Die Entscheidung von Frau Mag. Lang wurde in den Leserbriefen meiner Wahrnehmung nach nicht kritisiert, sondern das, was durch die große Bedeutung, die die Kirche diesem Event gegeben hat, vermittelt wurde. Alle Christen und Christinnen sind berufen, ihr Leben nach Christus auszurichten. Welchen Weg jeder und jede Einzelne wählt, ist eine ganz intime Sache. Warum sollte ich als Ehefrau keine enge Beziehung zu meinem Gott haben? Eheleute betrügen Gott nicht mit ihrer Liebe zum Partner/der Partnerin und ebenso ihre Partner nicht mit ihrer intimen Beziehung zu ihrem Gott. Das bewertende Ausspielen der zölibatären Lebensweise gegen zwischenmenschliche Beziehungen ist unzulässig.
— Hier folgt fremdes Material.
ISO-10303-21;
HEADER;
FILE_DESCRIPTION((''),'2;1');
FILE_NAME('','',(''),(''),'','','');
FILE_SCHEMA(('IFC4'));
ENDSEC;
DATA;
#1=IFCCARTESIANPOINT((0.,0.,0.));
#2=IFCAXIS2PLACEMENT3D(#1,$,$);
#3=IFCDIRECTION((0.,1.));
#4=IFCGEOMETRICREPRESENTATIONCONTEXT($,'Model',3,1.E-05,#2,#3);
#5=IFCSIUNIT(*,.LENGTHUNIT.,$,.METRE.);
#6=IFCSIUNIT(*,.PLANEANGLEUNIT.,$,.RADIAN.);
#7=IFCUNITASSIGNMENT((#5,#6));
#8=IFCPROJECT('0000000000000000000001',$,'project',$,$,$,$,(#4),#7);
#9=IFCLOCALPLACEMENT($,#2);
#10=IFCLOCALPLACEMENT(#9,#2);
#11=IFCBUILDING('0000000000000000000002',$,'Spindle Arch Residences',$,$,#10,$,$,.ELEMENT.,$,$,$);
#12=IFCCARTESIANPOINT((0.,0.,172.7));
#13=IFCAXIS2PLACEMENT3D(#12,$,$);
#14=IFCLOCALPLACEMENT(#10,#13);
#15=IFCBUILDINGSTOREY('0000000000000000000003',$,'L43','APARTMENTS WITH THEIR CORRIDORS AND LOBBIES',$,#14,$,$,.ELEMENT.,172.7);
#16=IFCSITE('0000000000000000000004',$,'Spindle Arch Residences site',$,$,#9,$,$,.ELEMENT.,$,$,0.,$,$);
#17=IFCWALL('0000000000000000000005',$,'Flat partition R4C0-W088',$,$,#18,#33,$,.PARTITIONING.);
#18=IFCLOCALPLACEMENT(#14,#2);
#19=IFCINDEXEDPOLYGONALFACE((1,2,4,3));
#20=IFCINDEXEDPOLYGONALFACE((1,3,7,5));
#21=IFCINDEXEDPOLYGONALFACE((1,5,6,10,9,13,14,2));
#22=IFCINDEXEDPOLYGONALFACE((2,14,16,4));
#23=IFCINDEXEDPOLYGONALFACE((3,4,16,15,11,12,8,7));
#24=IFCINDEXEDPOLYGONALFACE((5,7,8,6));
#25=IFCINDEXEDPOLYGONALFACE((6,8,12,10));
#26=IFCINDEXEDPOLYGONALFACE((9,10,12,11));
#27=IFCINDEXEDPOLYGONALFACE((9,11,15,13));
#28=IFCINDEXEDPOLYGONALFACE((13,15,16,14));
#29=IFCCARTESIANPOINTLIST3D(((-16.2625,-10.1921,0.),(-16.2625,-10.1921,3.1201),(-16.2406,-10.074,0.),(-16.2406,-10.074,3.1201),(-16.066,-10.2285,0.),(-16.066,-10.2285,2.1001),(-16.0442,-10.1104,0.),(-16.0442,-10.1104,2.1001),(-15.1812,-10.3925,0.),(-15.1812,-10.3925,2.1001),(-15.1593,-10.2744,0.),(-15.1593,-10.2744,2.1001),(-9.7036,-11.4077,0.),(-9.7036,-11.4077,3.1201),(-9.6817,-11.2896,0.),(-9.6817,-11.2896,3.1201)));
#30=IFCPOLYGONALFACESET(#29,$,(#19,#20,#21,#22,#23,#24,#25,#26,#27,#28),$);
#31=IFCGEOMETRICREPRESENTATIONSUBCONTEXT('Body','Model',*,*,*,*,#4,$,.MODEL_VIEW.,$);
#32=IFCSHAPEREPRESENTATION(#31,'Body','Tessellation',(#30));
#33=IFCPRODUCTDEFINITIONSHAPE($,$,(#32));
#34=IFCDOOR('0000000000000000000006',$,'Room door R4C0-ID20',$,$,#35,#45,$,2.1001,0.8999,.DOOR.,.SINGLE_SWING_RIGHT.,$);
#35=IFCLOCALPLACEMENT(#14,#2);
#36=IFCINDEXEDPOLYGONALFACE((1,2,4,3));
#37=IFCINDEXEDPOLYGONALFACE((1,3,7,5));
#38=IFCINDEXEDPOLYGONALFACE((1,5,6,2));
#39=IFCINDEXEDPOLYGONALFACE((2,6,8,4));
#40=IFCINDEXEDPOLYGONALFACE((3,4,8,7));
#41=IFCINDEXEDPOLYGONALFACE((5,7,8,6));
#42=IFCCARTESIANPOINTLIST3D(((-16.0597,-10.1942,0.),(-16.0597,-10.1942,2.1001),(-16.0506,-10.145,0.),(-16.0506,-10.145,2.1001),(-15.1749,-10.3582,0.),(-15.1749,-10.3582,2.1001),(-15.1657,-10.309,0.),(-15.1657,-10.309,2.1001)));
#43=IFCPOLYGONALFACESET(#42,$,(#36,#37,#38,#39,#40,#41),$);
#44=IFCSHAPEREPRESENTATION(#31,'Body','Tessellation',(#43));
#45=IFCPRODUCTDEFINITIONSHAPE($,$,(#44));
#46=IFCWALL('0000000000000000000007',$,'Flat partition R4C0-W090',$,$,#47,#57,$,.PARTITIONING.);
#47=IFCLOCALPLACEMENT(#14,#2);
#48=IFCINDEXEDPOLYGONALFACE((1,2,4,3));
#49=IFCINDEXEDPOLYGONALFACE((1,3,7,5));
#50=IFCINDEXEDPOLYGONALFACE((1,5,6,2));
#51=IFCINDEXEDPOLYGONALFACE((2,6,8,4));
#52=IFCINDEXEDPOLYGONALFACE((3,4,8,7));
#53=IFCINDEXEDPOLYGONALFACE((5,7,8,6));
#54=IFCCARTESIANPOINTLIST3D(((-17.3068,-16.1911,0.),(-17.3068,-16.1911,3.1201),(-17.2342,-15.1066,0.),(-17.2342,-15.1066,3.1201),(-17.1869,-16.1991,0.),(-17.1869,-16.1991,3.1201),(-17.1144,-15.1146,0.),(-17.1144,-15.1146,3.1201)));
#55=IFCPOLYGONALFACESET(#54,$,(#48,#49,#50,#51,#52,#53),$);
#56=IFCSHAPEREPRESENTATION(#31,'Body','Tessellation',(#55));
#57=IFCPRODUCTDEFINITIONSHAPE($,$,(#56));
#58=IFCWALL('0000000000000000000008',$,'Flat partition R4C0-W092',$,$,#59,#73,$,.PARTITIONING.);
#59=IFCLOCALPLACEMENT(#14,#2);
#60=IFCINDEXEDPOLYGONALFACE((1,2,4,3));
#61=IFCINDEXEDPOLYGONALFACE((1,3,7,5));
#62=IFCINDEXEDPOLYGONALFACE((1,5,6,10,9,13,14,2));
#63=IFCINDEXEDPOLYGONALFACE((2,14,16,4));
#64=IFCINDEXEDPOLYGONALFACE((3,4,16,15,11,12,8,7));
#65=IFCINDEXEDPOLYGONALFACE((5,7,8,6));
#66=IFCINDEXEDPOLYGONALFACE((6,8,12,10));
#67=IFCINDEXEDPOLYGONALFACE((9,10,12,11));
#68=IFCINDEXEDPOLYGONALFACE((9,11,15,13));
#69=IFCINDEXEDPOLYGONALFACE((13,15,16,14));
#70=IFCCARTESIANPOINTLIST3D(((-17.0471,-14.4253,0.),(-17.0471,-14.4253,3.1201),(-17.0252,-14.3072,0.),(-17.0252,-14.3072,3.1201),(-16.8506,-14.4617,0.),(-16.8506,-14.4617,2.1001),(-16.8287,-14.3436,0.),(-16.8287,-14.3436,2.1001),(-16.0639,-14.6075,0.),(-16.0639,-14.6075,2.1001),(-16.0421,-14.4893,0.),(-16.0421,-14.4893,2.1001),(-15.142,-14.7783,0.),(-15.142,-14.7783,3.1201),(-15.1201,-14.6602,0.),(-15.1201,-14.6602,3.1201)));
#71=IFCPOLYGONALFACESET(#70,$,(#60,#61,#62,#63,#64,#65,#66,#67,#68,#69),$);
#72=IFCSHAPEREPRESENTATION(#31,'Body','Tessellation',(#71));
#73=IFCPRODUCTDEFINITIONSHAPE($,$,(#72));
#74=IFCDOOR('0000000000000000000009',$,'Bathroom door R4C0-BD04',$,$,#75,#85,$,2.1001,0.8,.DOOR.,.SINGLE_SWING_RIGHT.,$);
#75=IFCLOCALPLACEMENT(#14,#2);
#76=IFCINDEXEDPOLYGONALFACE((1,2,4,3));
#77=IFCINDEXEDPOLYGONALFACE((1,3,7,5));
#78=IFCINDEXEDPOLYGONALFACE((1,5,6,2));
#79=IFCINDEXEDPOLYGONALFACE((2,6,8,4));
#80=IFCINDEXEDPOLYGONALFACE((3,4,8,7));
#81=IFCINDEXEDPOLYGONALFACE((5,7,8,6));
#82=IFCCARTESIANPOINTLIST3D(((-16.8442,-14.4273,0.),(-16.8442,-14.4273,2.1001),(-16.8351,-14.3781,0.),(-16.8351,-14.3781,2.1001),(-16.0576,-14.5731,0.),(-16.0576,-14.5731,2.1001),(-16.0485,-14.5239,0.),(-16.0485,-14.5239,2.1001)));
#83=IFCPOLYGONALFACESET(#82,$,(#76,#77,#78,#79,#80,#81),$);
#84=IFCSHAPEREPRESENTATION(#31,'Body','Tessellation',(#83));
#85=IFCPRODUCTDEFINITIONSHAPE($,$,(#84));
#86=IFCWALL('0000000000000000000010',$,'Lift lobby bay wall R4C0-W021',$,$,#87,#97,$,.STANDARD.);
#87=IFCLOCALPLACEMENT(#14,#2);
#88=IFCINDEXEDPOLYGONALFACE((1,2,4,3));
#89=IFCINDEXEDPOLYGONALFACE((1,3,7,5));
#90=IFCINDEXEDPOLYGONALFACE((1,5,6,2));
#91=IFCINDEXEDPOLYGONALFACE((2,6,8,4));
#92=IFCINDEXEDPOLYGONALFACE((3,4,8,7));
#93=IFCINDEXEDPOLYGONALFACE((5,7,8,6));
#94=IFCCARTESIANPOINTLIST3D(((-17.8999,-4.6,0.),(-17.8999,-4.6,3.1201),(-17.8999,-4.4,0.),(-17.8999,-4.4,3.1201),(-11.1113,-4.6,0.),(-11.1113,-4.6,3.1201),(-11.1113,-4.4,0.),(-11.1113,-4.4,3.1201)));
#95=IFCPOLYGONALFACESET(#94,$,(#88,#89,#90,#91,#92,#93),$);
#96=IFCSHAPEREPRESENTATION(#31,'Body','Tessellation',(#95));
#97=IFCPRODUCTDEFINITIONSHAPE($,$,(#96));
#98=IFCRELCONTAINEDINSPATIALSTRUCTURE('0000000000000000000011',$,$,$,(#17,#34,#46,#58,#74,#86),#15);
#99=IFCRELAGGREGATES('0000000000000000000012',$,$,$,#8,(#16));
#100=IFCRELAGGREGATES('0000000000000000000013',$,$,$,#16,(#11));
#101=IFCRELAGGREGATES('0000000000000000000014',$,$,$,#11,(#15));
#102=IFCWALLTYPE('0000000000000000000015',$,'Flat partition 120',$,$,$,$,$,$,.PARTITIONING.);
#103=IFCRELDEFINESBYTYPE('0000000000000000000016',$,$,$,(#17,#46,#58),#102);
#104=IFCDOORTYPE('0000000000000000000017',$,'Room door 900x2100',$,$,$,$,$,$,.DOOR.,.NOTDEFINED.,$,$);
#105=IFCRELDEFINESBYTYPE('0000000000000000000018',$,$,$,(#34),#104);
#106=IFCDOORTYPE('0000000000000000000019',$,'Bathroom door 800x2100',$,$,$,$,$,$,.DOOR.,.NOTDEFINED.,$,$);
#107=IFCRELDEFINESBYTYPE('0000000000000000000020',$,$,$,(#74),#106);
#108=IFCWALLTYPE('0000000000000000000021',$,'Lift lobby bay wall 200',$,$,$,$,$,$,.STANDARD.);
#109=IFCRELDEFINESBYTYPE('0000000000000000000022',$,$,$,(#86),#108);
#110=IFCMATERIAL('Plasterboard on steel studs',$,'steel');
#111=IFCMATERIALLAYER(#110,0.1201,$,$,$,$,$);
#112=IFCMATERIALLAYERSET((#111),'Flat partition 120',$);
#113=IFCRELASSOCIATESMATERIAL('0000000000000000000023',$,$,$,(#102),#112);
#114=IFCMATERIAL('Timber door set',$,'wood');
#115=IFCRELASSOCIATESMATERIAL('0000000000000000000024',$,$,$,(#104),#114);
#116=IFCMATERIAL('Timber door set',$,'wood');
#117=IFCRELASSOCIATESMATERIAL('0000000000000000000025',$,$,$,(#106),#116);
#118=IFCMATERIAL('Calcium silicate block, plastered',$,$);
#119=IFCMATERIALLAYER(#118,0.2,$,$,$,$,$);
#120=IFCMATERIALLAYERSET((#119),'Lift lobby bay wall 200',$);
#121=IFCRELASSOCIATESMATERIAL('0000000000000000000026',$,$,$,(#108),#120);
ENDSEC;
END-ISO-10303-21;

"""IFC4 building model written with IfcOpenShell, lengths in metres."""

from ifc_helpers import new_model, si_unit, direction, frame, frame_2d, origin, place, context, subcontext, project, spatial, rectangle, extrude, material, layer, layer_set, type_object, element, fill, save


model = new_model("IFC4")

# Units and contexts
model_context = context("Model", 3, precision=1e-05, world=origin(), true_north=direction((0.0, 1.0)))
body_context = subcontext(model_context, "Body", "Model", "MODEL_VIEW")
ifc_project = project(units=[si_unit("LENGTHUNIT", "METRE"), si_unit("PLANEANGLEUNIT", "RADIAN")], contexts=[model_context])

# Site, building, storey
site_placement = place(None, origin())
site = spatial("IfcSite", under=ifc_project, at=site_placement, Name="Spindle Arch Residences site", CompositionType="ELEMENT", RefElevation=0.0)
building_placement = place(site_placement, origin())
building = spatial("IfcBuilding", under=site, at=building_placement, Name="Spindle Arch Residences", CompositionType="ELEMENT")
storey_placement = place(building_placement, frame((0.0, 0.0, 172.7)))
storey = spatial("IfcBuildingStorey", under=building, at=storey_placement, Name="L43", Description="APARTMENTS WITH THEIR CORRIDORS AND LOBBIES", CompositionType="ELEMENT", Elevation=172.7)

# Shared definitions
ifc_material_1 = material(Name="Plasterboard on steel studs", Category="steel")
ifc_layer_1 = layer(ifc_material_1, 0.1201)
ifc_layer_set_1 = layer_set([ifc_layer_1], Name="Flat partition 120")
wall_type_1 = type_object("IfcWallType", Name="Flat partition 120", PredefinedType="PARTITIONING", material=ifc_layer_set_1)
ifc_material_2 = material(Name="Timber door set", Category="wood")
door_type_1 = type_object("IfcDoorType", Name="Room door 900x2100", OperationType="NOTDEFINED", PredefinedType="DOOR", material=ifc_material_2)

# Wall, opening, door
wall_1_placement = place(storey_placement, frame((-16.2517, -10.1331, 0.0), z_axis=(0.0, 0.0, 1.0), x_axis=(0.983257, -0.182224, 0.0)))
wall_1 = element("IfcWall", 1, at=wall_1_placement, inside=storey, type_object=wall_type_1, Name="Flat partition R4C0-W088", PredefinedType="PARTITIONING", context=body_context, shape_type="SweptSolid", body=[
    extrude(rectangle(XDim=6.6707, YDim=0.1201, at=frame_2d((3.3354, 0.0))), origin(), (0.0, 0.0, 1.0), 3.1201),
])
opening_1_placement = place(wall_1_placement, frame((0.2, 0.0, 0.0)))
opening_1 = element("IfcOpeningElement", 2, at=opening_1_placement, cuts=wall_1, PredefinedType="OPENING", context=body_context, shape_type="SweptSolid", body=[
    extrude(rectangle(XDim=0.8999, YDim=2.1001, at=frame_2d((0.45, 1.05))), frame((0.0, 0.0701, 0.0), z_axis=(0.0, -1.0, 0.0), x_axis=(1.0, 0.0, 0.0)), (0.0, 0.0, 1.0), 0.1401),
])
door_1_placement = place(opening_1_placement, origin())
door_1 = element("IfcDoor", 3, at=door_1_placement, inside=storey, type_object=door_type_1, Name="Room door R4C0-ID20", OperationType="SINGLE_SWING_RIGHT", OverallHeight=2.1001, OverallWidth=0.8999, PredefinedType="DOOR", context=body_context, shape_type="SweptSolid", body=[
    extrude(rectangle(XDim=0.8999, YDim=2.1001, at=frame_2d((0.45, 1.05))), frame((0.0, 0.0249, 0.0), z_axis=(0.0, -1.0, 0.0), x_axis=(1.0, 0.0, 0.0)), (0.0, 0.0, 1.0), 0.05),
])
fill(opening_1, door_1)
Die Liebe zu einem Menschen vermindert die Liebe zu Gott doch nicht!
Der schon lange sehr sonderbare Umgang mit Sexualität in der Kirche ist aber leider nach wie vor weder hilfreich noch anziehend. Sexualität spielt im Leben jedes Menschen eine große Rolle, auch wenn er/sie zölibatär lebt. Die Sexualität wurde uns als Talent von einem liebenden Gott für unser ganzes Leben geschenkt, mit dem es gut umzugehen gilt. Aber warum werden nach wie vor Menschen aufgrund ihrer sexuellen Ausrichtung, die sie sich nicht ausgesucht haben, sondern die ihnen von Gott mitgegeben wurde, noch immer diskriminiert?
Frau Kainberger hat nicht versucht, einen Gegensatz zu konstruieren, sondern aufzuzeigen, dass es eben auch andere Themen und Sichtweisen und Prioritäten in dieser Kirche gibt, offiziell und legitim. Papst Franziskus selbst hat Frauen an die Spitzen vatikanischer Gremien berufen. Davon erfährt man zu wenig. Das sollte lauter in der Kirche verkündet werden.
Bewertungen des individuellen Glaubens Einzelner sind unzulässig, Auf- und Abwertungen sind nicht hilfreich und nicht im Sinne Gottes. Dabei ist immer auf die Symbolwirkung zu achten. Sie kann sowohl positiv als eben auch negativ sein. Auch das ist Verkündigung! Offene Möglichkeiten der Auseinandersetzung sind in unserer Kirche bitter nötig. Ich bin gerne dazu bereit.